Witness

Elvis Lives in Parkes

A look at the biggest and most unlikely Elvis festival in Australia.

Watch part two

Despite bushfires, flood, public ridicule, and financial loss, a small ban of devotees from the tiny rural town of Parkes battle against the odds to create the biggest and most unlikely Elvis festival in Australia.

Parkes is not what you would call the usual setting for an Elvis sighting.

Its struggling economy is not based in deep-fried peanut butter sandwiches and other delicacies from the King’s cookbook of artery-hardening, roadkill-based treats, nor is it a fixture on the circuit of touring musicians.

That a small cabal of locals should decide to lift the region’s flagging fortunes with a festival in the King’s honour is remarkable enough; that it should, after many an obstacle and local antipathy, find traction and develop into an eagerly awaited highlight of the annual calendar, even more so.

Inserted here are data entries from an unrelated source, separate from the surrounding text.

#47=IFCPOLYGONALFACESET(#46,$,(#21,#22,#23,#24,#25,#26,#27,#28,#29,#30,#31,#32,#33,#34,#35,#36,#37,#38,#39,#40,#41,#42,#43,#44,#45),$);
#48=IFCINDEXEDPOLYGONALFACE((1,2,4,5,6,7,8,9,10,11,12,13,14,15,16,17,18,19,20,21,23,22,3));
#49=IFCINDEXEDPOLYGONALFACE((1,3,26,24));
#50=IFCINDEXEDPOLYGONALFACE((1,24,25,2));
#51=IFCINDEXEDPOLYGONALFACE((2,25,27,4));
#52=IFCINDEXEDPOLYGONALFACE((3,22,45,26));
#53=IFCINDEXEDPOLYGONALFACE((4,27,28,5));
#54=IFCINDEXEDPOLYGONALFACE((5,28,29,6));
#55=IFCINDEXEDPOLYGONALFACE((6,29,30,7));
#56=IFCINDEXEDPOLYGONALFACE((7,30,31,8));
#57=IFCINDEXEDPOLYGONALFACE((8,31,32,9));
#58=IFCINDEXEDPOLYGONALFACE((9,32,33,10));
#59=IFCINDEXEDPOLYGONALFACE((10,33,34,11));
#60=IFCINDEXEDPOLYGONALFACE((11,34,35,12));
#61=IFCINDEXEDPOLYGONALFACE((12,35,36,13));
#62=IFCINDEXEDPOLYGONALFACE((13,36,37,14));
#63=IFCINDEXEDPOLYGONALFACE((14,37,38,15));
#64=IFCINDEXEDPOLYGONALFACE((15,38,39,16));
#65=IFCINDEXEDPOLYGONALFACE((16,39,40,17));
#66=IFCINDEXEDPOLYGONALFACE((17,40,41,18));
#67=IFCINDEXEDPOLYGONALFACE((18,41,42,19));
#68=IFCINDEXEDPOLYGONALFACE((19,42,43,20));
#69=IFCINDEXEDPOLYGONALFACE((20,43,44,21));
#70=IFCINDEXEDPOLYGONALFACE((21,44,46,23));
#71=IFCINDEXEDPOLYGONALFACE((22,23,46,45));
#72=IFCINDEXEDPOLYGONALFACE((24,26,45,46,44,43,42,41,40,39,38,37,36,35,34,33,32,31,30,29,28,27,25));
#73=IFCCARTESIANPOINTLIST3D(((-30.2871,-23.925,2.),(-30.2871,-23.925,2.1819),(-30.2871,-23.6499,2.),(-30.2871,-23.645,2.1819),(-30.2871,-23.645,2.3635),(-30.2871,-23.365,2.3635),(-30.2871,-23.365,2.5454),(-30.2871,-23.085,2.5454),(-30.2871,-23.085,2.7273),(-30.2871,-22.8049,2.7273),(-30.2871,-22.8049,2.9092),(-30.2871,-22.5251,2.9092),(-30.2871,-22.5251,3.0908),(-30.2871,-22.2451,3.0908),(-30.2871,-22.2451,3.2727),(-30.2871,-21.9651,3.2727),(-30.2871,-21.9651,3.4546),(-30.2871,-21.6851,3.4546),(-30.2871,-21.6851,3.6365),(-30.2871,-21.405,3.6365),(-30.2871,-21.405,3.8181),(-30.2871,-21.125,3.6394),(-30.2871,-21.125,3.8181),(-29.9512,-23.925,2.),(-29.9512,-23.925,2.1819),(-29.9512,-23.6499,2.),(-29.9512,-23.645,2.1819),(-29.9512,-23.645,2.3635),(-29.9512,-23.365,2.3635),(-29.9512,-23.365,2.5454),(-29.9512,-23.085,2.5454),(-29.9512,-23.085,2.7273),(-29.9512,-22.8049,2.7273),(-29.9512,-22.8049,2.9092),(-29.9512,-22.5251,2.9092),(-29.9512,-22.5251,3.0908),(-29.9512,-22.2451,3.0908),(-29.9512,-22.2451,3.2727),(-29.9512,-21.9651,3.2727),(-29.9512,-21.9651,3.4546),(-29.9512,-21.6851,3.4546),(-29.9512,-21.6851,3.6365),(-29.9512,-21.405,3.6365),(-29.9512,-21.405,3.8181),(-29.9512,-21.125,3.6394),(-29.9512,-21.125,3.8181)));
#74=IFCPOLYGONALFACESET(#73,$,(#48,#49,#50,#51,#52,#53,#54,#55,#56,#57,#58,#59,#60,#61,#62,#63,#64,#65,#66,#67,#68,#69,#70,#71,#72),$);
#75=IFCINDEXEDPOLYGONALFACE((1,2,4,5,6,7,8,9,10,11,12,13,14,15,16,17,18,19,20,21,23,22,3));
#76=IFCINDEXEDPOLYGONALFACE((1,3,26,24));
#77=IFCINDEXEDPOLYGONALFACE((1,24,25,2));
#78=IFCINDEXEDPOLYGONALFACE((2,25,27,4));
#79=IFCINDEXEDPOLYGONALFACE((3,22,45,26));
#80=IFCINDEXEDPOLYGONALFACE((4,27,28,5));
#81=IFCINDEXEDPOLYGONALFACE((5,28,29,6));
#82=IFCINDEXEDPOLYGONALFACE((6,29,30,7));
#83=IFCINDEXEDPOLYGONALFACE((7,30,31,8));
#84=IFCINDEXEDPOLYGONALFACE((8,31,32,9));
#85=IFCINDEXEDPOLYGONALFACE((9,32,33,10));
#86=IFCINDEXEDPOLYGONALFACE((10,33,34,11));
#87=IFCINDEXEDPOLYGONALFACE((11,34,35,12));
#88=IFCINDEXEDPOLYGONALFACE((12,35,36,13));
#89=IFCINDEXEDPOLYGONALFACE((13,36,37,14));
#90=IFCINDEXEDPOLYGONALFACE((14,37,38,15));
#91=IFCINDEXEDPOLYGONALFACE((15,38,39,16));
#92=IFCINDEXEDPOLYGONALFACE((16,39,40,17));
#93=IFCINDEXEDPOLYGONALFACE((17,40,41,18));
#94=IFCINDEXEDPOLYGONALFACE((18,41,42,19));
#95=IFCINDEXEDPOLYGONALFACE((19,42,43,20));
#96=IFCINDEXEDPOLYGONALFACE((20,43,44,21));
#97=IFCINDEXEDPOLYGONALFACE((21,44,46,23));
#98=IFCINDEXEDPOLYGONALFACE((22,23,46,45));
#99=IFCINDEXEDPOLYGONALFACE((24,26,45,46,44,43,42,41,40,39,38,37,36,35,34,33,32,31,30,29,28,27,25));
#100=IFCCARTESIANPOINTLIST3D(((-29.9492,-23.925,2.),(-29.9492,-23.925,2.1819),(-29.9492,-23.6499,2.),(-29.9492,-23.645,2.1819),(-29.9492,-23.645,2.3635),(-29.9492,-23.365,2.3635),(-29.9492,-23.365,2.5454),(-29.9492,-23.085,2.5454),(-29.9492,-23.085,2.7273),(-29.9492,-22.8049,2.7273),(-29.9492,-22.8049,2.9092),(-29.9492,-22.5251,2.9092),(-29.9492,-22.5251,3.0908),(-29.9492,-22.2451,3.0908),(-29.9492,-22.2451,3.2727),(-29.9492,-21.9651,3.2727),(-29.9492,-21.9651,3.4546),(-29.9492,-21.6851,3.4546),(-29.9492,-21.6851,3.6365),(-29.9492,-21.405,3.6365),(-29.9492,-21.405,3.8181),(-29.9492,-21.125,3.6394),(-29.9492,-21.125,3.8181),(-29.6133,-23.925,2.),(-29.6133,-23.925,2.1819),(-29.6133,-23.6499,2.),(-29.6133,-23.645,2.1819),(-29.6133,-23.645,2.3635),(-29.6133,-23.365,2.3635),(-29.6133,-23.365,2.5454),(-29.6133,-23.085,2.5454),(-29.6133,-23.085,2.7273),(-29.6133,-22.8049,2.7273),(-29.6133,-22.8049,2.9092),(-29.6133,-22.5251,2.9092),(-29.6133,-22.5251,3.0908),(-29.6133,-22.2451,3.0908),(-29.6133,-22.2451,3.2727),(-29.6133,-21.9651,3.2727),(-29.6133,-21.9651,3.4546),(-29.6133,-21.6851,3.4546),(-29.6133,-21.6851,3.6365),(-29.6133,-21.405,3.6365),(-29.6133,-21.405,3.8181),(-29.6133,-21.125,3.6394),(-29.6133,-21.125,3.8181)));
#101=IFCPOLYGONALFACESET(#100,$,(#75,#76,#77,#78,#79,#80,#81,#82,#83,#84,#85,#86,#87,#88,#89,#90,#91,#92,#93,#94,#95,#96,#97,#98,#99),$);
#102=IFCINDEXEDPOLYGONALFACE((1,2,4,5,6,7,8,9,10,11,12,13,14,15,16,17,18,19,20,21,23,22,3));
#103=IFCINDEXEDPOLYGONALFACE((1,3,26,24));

Filmed in the same good humoured vein with which the festival is curated, Elvis Lives in Parkes provides a potted history of the festival, from early days when Elvis devotees Bob and Anne Steel first floated their idea to widespread disdain, to the triumph of the festival when hundreds of Elvis impersonators converged on the town in the second weekend of January.

This episode of Witness aired from December 17, 2009.